One of my earlier clients to whom I helped in configuration Always On Availability Group came back to me with strange behavior. In this blog, we would discuss error Version store is full. New version(s) could not be added. In this situation, I also found that the redo queue was increasing continuously on the secondary replica.
My client has set up three nodes availability group with one primary, one synchronous secondary and one asynchronous secondary. They noticed that redo queue size was increasing continuously on secondary replica (both of them, sync and async)
I started digging using DMV and found that redo process was working but it was waiting for the LATCH on APPEND_ONLY_STORAGE_FIRST_ALLOC. Here is the query used
SELECT * FROM sys.sysprocesses WHERE dbid = db_id('ProdDB)
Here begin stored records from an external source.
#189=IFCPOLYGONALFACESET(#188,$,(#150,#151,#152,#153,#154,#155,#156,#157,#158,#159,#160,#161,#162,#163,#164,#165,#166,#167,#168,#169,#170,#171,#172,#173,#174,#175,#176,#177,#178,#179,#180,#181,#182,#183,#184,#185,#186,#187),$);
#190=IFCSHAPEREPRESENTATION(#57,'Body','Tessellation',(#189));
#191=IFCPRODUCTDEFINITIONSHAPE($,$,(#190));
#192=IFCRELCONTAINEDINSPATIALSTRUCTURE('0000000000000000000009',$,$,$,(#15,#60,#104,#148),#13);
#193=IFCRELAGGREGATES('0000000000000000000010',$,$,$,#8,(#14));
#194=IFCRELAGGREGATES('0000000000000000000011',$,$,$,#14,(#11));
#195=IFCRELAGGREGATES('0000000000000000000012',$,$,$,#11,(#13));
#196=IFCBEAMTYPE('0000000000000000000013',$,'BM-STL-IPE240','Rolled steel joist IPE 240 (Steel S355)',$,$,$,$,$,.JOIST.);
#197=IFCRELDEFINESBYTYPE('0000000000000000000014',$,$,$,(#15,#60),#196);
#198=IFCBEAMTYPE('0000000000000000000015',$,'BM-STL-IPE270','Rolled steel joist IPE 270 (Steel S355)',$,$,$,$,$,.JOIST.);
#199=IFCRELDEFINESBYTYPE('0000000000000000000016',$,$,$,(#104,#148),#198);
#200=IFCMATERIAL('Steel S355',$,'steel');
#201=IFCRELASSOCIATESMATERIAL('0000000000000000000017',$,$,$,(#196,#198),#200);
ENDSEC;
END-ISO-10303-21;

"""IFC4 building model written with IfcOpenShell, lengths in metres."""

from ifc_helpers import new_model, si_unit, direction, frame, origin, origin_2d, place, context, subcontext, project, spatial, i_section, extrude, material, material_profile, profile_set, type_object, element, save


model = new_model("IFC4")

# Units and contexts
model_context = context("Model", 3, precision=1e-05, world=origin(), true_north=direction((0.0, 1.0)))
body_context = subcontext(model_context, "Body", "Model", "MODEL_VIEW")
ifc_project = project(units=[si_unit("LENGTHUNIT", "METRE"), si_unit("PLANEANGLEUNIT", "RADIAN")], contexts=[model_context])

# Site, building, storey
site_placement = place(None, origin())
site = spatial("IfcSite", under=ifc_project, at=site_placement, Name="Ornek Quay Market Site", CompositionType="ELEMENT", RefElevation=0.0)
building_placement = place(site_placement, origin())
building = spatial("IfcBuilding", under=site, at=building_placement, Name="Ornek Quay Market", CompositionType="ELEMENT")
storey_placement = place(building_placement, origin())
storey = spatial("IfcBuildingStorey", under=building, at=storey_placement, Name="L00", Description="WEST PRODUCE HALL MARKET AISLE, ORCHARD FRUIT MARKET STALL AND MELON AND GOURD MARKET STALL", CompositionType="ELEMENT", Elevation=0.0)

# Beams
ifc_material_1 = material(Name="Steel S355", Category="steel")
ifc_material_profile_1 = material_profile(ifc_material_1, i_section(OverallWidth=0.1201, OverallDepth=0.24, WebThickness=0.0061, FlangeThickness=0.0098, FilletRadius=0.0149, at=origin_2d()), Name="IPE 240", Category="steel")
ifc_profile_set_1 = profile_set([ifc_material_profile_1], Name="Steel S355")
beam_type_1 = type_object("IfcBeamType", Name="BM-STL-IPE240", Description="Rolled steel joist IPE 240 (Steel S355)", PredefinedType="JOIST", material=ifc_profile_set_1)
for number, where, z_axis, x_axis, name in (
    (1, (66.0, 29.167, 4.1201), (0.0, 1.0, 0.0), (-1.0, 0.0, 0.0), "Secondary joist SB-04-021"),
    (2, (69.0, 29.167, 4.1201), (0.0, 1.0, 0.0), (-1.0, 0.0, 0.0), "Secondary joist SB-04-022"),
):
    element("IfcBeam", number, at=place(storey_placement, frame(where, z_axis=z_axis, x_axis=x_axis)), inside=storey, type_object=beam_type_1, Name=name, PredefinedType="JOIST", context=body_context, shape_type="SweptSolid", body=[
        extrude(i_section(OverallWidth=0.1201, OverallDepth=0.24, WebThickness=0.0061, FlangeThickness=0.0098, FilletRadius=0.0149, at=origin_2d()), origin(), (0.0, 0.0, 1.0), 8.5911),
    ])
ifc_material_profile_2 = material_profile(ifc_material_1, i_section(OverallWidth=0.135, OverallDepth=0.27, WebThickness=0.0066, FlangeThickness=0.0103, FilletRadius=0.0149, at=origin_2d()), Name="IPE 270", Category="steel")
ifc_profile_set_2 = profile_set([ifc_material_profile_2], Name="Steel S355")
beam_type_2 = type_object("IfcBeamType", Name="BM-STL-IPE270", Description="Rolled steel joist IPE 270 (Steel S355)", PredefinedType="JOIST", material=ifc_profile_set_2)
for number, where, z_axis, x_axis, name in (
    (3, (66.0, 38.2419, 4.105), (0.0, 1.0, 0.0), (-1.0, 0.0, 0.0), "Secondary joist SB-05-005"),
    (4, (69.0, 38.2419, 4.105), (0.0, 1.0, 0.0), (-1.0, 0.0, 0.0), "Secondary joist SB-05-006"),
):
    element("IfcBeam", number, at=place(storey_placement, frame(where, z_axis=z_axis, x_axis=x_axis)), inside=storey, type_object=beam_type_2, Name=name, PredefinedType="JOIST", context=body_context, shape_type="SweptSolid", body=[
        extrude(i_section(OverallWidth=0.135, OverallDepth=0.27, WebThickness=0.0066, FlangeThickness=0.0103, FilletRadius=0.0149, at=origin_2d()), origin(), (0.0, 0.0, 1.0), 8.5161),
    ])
Then I looked into SQL Server ERRORLOG and found below message logged continuously
The version store is full. New version(s) could not be added. A transaction that needs to access the version store may be rolled back. Please refer to BOL on how to configure tempdb for versioning.
Based on my understanding of secondary version store, it would come into picture when secondary is readable. All queries that run against the secondary databases are automatically mapped to snapshot isolation transaction level, even when other transaction isolation levels are explicitly set.
Active Secondaries: Readable Secondary Replicas (Always On Availability Groups)
I found that they have a serious space issue on the drive where TempDB is located. The TempDB was not able to grow and hence new versions were not getting generated.
Due to readable secondary, SQL was using version store so the quick solution, in this case, was to disable read from secondary replicas. We used below command to disallow reads from secondary.
USE [master] GO ALTER AVAILABILITY GROUP [PROD_AG] MODIFY REPLICA ON N'Godzilla_2' WITH (SECONDARY_ROLE (ALLOW_CONNECTIONS = NO)) GO
We did this for both replicas. As soon as we disabled the reads, version store vanished, and redo picked up the speed. Now since TempDB was not in use, we were able to shrink it as well to avoid space issues on the drive which was having TempDB database.
Reference: Pinal Dave (https://blog.sqlauthority.com)
I am having this same issue your user was having but my tempdb has 162gb of space and is only 36gb on 6 6gb files.
I have very fast sendrates but then the redo rate is literally only 25k on this one server but I have 4 other nodes where servers have 120k-250k redo rates. Which causes my 1 server to fall behind on redo rate and I don’t know why :'(